Yes, but how can the NBA impose a 2.5 million dollar fine on anyone. The're not a government agency. It'll be interesting to see how this all plays out from a legal perspective. The actions taken by the NBA have far-reaching legal implications. A man makes morally objectionable comments in a private conversation in his home that are recorded secretly and illegally and subsequently published to the media after which a the NBA sets out to make a public example of him. For me this all goes back to the distinction between what's immoral and what's illegal.


----------



## ZackF (Apr 30, 2014)

Marge Schott could make this guy sound like a choir boy. People just left her alone in the stands to be angry and smoke...maybe pose for the occasional photo.


----------



## ZackF (Apr 30, 2014)

C. M. Sheffield said:


> Yes, but how can the NBA impose a 2.5 million dollar fine on anyone. The're not a government agency. It'll be interesting to see how this all plays out from a legal perspective. The actions taken by the NBA have far-reaching legal implications. A man makes morally objectionable comments in a private conversation in his home that are recorded secretly and illegally and subsequently published to the media after which a the NBA sets out to make a public example of him. For me this all goes back to the distinction between what's immoral and what's illegal.



The government can enforce the fine.


----------



## Marcus417 (Apr 30, 2014)

C. M. Sheffield said:


> Yes, but how can the NBA impose a 2.5 million dollar fine on anyone. The're not a government agency. It'll be interesting to see how this all plays out from a legal perspective. The actions taken by the NBA have far-reaching legal implications. A man makes morally objectionable comments in a private conversation in his home that are recorded secretly and illegally and subsequently published to the media after which a the NBA sets out to make a public example of him. For me this all goes back to the distinction between what's immoral and what's illegal.
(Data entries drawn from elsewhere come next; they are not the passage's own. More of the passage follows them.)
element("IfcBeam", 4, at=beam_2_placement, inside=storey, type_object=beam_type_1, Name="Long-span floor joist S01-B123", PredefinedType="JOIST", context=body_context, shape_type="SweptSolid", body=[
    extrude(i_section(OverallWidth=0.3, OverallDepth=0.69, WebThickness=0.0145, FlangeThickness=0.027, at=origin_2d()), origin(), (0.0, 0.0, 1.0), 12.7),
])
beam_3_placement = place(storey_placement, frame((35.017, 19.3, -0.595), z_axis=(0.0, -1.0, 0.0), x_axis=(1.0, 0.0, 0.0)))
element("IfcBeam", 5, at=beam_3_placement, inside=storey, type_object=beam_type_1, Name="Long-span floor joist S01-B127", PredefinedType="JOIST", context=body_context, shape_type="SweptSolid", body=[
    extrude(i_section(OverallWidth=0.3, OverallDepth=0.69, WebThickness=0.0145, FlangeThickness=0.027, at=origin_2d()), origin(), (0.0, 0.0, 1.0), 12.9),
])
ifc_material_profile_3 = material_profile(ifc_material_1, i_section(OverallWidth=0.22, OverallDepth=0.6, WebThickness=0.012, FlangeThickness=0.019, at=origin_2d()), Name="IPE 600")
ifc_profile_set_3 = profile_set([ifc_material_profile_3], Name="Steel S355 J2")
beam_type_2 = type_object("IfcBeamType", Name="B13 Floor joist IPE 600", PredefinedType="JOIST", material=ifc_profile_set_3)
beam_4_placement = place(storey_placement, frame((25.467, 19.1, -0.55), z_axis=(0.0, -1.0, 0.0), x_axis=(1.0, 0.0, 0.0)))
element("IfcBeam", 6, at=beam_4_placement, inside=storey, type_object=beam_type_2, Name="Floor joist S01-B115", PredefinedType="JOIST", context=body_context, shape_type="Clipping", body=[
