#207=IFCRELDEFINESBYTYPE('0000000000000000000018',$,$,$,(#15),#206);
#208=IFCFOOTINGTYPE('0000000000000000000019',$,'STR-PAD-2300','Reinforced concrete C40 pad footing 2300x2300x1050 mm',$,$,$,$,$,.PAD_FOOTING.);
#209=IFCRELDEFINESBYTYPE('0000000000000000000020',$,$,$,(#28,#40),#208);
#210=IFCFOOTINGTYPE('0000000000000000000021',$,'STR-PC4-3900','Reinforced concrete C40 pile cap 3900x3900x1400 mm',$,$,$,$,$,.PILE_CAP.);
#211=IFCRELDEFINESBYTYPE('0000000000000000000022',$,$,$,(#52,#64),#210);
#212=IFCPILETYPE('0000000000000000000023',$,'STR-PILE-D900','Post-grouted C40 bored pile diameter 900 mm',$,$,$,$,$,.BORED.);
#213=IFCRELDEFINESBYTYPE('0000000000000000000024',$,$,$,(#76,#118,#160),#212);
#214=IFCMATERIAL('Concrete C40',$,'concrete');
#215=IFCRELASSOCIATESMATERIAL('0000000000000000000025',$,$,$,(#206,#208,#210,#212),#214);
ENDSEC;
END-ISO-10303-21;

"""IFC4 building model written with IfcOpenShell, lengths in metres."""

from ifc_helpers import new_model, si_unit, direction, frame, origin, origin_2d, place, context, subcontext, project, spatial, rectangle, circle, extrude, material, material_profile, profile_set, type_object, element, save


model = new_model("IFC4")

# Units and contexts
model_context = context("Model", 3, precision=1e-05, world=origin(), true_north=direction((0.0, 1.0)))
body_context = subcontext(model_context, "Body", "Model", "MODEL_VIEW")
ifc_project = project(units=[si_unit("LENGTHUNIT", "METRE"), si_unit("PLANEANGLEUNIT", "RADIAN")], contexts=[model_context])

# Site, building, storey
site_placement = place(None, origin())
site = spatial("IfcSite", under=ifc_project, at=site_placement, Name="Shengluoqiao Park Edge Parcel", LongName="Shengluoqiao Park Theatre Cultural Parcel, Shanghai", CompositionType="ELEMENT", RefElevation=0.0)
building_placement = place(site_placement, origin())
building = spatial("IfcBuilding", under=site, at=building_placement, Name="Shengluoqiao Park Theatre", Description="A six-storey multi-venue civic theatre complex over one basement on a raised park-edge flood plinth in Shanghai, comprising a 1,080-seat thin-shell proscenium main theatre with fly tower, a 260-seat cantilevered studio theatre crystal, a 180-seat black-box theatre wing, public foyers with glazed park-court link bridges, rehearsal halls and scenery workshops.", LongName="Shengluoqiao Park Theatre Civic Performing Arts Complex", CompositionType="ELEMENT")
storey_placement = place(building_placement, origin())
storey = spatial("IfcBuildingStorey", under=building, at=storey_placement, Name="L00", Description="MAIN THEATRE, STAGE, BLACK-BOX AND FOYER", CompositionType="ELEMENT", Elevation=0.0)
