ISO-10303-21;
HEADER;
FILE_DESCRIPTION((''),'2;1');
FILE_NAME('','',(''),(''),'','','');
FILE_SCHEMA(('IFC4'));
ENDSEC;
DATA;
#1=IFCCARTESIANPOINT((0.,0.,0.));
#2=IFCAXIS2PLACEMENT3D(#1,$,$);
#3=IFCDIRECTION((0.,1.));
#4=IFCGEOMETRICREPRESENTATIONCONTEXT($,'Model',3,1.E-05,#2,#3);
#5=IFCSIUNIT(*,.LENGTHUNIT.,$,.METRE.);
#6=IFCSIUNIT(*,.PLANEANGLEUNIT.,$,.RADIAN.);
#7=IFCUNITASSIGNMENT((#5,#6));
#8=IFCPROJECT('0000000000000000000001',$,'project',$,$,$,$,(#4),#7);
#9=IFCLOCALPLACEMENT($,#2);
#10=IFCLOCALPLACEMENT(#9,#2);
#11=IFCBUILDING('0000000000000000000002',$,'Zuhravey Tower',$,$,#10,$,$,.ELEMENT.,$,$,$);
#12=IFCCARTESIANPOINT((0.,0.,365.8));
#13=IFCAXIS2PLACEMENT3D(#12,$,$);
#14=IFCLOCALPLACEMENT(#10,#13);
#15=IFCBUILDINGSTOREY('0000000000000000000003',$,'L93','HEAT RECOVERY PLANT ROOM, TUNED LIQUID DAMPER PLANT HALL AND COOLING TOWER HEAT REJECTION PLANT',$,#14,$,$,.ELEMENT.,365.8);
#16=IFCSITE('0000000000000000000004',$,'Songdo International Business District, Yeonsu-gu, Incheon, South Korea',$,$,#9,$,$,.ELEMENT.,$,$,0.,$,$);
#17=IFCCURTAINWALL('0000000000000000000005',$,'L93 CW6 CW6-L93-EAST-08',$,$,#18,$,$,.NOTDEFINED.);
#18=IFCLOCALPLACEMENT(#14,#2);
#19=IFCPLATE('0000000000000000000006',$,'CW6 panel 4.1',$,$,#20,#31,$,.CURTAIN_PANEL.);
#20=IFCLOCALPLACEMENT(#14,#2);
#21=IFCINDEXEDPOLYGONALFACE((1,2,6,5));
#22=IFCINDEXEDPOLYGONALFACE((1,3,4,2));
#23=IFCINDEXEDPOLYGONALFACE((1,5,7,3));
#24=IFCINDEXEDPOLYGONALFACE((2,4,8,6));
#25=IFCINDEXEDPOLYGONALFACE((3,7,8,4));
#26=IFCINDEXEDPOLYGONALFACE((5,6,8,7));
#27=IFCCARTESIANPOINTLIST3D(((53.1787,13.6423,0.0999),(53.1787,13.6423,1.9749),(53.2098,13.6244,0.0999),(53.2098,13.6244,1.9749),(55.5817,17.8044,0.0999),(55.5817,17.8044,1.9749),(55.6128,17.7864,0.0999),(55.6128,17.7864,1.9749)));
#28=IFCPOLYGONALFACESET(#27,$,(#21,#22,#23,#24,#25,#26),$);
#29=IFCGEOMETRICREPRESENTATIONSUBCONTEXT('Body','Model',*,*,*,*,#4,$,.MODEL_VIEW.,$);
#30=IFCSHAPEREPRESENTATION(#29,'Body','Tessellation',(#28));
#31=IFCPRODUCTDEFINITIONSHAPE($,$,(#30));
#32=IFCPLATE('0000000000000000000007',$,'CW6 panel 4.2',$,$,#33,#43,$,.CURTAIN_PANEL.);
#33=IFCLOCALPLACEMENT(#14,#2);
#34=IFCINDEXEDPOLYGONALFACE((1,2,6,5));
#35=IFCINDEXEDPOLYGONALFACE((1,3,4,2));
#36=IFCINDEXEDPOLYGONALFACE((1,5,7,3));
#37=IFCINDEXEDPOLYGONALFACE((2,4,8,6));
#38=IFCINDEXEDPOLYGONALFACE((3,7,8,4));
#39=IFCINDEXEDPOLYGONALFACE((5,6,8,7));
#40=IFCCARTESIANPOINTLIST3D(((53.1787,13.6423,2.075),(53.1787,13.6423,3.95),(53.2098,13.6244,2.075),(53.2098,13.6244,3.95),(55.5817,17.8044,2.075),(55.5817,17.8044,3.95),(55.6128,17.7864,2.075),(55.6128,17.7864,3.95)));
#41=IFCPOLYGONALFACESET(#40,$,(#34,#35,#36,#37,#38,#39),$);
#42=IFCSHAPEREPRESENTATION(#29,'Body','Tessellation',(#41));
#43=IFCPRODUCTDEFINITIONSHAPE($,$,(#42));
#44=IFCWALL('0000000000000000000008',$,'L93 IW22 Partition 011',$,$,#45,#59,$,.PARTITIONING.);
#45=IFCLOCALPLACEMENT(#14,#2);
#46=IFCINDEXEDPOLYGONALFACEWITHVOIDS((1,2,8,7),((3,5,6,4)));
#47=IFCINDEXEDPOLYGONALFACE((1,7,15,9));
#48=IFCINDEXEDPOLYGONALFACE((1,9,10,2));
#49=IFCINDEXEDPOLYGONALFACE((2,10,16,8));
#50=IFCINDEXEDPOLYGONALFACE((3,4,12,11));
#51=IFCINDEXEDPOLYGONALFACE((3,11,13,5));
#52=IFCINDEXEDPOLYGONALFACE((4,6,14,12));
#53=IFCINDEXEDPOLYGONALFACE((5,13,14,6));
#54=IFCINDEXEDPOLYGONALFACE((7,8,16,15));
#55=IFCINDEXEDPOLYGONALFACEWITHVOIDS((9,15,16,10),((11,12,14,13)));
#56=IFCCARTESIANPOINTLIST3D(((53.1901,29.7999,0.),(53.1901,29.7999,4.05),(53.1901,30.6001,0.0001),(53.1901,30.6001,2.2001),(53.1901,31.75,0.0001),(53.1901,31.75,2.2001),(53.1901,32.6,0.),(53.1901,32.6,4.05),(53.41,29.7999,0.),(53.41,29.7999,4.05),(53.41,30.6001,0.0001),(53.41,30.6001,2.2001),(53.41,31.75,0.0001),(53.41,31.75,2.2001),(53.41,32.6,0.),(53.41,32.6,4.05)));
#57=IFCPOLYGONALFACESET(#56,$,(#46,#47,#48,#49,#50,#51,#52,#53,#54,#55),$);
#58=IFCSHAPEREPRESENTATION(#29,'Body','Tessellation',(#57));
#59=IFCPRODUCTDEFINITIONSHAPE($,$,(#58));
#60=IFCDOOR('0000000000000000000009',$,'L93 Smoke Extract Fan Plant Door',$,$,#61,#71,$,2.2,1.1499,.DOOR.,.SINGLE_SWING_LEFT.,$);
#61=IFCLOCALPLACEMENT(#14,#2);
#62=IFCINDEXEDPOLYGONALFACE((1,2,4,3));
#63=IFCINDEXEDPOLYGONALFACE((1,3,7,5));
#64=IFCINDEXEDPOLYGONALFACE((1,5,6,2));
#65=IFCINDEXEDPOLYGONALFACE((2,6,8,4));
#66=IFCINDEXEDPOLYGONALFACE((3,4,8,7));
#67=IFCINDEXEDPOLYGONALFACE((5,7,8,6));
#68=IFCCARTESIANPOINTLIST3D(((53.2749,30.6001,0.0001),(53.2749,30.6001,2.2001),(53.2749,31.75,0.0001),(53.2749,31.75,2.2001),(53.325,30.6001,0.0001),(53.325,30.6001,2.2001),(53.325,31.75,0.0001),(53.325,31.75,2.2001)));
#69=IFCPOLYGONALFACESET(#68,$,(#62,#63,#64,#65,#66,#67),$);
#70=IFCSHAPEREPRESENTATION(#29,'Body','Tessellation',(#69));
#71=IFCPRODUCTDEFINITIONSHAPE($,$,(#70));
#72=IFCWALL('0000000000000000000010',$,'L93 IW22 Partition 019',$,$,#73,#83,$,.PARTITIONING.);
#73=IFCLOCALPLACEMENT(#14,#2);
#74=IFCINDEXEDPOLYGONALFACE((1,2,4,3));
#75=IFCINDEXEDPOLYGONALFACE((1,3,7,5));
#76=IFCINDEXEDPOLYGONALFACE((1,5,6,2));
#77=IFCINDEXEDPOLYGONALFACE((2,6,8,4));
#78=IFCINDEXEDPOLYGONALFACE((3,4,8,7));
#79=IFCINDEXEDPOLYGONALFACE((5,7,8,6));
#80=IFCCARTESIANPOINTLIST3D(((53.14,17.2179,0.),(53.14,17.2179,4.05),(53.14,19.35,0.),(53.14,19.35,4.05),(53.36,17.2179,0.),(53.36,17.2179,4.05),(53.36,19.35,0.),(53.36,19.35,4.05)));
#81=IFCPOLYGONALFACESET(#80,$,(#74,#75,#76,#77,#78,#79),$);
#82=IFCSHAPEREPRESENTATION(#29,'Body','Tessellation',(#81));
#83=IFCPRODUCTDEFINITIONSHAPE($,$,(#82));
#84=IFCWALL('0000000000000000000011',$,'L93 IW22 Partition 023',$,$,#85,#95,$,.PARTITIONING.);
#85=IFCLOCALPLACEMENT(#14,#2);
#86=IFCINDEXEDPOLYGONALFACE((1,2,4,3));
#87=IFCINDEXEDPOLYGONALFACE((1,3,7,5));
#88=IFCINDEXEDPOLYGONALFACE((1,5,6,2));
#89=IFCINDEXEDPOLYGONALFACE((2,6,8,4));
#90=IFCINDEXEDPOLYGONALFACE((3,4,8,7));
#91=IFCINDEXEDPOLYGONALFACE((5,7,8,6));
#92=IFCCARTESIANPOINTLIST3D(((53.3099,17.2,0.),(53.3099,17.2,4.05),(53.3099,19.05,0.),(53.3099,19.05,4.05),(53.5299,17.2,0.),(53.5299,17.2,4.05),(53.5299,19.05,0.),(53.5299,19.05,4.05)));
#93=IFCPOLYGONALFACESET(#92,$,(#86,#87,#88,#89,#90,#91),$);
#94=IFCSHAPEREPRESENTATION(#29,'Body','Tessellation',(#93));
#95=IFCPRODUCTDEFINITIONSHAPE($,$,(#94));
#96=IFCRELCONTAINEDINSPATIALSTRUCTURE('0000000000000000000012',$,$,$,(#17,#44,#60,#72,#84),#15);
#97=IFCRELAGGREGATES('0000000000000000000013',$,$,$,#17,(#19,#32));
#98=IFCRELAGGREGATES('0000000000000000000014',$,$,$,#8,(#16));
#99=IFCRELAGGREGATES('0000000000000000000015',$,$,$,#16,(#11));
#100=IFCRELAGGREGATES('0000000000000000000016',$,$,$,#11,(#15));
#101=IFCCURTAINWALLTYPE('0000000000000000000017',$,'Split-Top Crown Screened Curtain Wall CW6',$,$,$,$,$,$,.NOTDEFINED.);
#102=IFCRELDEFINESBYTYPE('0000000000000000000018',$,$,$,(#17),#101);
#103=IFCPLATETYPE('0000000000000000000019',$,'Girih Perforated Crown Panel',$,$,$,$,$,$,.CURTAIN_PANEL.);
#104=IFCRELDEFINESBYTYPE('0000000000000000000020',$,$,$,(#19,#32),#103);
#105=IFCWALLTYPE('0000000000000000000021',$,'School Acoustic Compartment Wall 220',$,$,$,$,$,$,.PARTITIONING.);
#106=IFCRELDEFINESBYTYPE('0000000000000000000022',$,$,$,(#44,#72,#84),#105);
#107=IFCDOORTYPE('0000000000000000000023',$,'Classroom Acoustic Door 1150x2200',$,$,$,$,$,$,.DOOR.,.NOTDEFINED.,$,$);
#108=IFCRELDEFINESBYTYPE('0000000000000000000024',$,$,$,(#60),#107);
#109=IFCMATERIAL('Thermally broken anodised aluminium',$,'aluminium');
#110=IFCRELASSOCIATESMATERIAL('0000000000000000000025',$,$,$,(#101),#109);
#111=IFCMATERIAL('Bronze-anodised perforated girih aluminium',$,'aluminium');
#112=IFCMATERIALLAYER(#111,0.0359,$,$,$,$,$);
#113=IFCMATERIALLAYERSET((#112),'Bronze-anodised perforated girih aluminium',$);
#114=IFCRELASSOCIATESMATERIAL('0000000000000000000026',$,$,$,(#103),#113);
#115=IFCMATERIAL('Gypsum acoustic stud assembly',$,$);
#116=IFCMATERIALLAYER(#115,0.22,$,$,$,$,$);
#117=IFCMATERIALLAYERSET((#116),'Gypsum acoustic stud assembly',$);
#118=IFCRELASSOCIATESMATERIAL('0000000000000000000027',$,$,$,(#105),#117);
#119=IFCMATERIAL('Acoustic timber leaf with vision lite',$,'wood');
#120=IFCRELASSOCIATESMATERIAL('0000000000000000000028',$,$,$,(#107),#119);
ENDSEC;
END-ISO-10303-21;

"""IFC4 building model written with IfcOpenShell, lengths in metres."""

from ifc_helpers import new_model, si_unit, direction, frame, frame_2d, origin, origin_2d, place, context, subcontext, project, spatial, rectangle, extrude, material, layer, layer_set, type_object, element, fill, aggregate, save


model = new_model("IFC4")

# Units and contexts
model_context = context("Model", 3, precision=1e-05, world=origin(), true_north=direction((0.0, 1.0)))
body_context = subcontext(model_context, "Body", "Model", "MODEL_VIEW")
ifc_project = project(units=[si_unit("LENGTHUNIT", "METRE"), si_unit("PLANEANGLEUNIT", "RADIAN")], contexts=[model_context])

# Site, building, storey
site_placement = place(None, origin())
site = spatial("IfcSite", under=ifc_project, at=site_placement, Name="Songdo International Business District, Yeonsu-gu, Incheon, South Korea", CompositionType="ELEMENT", RefElevation=0.0)
building_placement = place(site_placement, origin())
building = spatial("IfcBuilding", under=site, at=building_placement, Name="Zuhravey Tower", CompositionType="ELEMENT")
storey_placement = place(building_placement, frame((0.0, 0.0, 365.8)))
storey = spatial("IfcBuildingStorey", under=building, at=storey_placement, Name="L93", Description="HEAT RECOVERY PLANT ROOM, TUNED LIQUID DAMPER PLANT HALL AND COOLING TOWER HEAT REJECTION PLANT", CompositionType="ELEMENT", Elevation=365.8)

# Curtain wall
ifc_material_1 = material(Name="Thermally broken anodised aluminium", Category="aluminium")
curtain_wall_type = type_object("IfcCurtainWallType", Name="Split-Top Crown Screened Curtain Wall CW6", PredefinedType="NOTDEFINED", material=ifc_material_1)
curtain_wall_placement = place(storey_placement, origin())
curtain_wall = element("IfcCurtainWall", 1, at=curtain_wall_placement, inside=storey, type_object=curtain_wall_type, Name="L93 CW6 CW6-L93-EAST-08", PredefinedType="NOTDEFINED")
When a player, owner, coach, or any other employee of the NBA or any sports franchise signs their contract they agree to be fined based on the rules of the collective bargaining agreement between the Players Union and the Owners. The maximum fine that was agreed to beforehand was 2.5 million and he was hit with the max penalty. He signed a contract saying he would pay a fine deemed appropriate by the commissioner if he broke league rules. The rule he broke was "Conduct detrimental to the league."


----------



## Claudiu (Apr 30, 2014)

I'm not racist, but the thought police are out. You can't even think an "evil" thought (from their perspective) or else the thought police will get you.


----------



## VictorBravo (Apr 30, 2014)

Marcus417 said:


> The rule he broke was "Conduct detrimental to the league."



Of course that is right. The NBA is a franchise organization, as far as I know.

But, the mass hysteria is a warning. I can imagine a franchise owner who has signed a contract with a similar clause being punished for saying something to his family along the lines of: "gay marriage is an abomination," and then having his young child repeat what he has said in school.

"Conduct detrimental to the franchise...." Kick him out.

Pretty interesting times when agendas and private bad behavior can be enforced through social media and shunning like we have never seen before.


----------



## augustacarguy (Apr 30, 2014)

Bill The Baptist said:


> Donald Sterling banned for life for being a moron in the privacy of his home, meanwhile in America.........baby murderers, fornicators, and blasphemers continue to enjoy the undying love and affection of the American media.



Agreed.


----------



## Andres (Apr 30, 2014)

I don't understand where most of you are coming from. What's the problem with Sterling being fined by his private company for doing something wrong? My employer has social media policies that limit what I can say/post in social media. I choose to abide by their policies because I want to work here. No big deal. And since when is racism to be given a pass anyway? It's certainly an evil in our society, so I'm glad to hear that people are reacting and opposing Sterling's hateful ways, which he has a long history of, btw.


----------



## VictorBravo (May 1, 2014)

Andres said:


> My employer has social media policies that limit what I can say/post in social media.



My point is that he did not post this on social media, someone else did.

I have no problem with contractual or social sanction for bad behavior. I'm just observing the remarkable frenzy that is occurring over this, but not other overt bad behavior.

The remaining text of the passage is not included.